Fitness Principles and Benefits

  • Core Muscle Activation
    • Primary Muscles: Latissimus dorsi (determines back width), teres major, rhomboid muscles;
    • Synergistic Muscles: Biceps brachii, brachioradialis, forearm flexors (grip support);
    • Stabilizing Muscles: Core (transversus abdominis, erector spinae) maintains a neutral trunk position to avoid lower back compensation.
  • Functional Improvements
    • Corrects poor postures like rounded shoulders and hunchback, enhances rotator cuff stability;
    • Enhances daily movement abilities (e.g., lifting, climbing) and improves grip strength and upper-limb coordination.
  • Hormone Secretion Promotion
    • Compound movements of large muscle groups stimulate testosterone and growth hormone secretion, increasing overall metabolic rate and muscle synthesis efficiency.

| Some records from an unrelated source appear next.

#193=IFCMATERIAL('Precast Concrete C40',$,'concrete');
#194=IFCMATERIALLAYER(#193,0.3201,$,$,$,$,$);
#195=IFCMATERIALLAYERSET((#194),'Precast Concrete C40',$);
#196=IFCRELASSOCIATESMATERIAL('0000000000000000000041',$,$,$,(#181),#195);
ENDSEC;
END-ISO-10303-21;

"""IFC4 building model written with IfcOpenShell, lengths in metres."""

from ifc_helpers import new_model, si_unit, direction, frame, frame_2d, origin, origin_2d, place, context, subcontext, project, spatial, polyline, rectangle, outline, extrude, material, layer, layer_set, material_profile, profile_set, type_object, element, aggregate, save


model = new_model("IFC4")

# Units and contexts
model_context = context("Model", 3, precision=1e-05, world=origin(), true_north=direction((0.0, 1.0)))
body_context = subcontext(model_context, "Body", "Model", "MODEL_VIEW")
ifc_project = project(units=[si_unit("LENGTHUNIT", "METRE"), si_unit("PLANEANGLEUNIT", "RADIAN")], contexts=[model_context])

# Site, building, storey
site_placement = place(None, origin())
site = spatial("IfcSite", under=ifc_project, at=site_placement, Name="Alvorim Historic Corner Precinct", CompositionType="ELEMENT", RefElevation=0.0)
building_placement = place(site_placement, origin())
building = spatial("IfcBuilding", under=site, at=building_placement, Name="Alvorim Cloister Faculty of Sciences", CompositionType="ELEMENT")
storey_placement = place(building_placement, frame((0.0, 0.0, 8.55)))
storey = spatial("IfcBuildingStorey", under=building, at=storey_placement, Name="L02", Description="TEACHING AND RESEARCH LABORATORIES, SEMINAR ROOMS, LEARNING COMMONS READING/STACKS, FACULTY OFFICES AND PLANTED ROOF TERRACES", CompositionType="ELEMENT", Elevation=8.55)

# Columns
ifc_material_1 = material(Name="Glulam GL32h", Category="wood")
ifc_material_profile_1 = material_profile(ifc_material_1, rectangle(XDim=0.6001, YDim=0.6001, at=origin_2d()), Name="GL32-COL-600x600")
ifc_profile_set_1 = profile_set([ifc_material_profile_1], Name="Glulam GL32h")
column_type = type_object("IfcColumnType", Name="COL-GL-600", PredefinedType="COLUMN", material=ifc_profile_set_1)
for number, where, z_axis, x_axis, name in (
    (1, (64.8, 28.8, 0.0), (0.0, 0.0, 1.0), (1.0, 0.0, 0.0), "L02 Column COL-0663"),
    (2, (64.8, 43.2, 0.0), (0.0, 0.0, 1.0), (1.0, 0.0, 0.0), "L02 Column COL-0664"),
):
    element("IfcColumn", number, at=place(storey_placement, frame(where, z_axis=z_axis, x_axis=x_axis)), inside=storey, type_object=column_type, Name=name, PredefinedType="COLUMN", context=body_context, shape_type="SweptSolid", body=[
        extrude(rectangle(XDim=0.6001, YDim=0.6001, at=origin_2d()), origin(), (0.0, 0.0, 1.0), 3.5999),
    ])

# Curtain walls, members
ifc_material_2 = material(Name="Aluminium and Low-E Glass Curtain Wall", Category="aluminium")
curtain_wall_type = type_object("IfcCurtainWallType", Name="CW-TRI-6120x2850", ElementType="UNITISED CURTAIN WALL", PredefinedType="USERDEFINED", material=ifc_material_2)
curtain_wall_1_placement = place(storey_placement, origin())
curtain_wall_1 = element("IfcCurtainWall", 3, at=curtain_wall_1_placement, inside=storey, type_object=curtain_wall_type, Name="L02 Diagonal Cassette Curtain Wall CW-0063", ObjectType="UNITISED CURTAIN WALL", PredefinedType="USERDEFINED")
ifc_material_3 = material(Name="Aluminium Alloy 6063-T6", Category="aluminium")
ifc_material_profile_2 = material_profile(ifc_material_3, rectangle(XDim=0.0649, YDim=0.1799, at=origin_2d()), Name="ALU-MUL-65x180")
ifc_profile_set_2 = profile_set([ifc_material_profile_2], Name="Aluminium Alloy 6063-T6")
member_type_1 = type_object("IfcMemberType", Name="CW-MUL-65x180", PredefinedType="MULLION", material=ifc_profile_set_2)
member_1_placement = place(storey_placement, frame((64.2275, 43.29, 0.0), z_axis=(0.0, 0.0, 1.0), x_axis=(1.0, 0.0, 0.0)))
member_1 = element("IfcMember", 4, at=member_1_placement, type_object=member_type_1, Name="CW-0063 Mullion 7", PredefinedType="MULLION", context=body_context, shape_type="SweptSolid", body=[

*Basic Training Methods Movement Standards

  • Starting Position: Grasp the bar slightly wider than shoulder-width, hang naturally with the body, retract and depress the scapulae, and tighten the core.
  • Pulling Phase: Inhale, activate the latissimus dorsi to pull the body upward, keep elbows close to the torso, until the chin clears the bar.
  • Lowering Phase: Exhale, control the descent speed and slowly lower the body to full extension, avoiding swinging from momentum.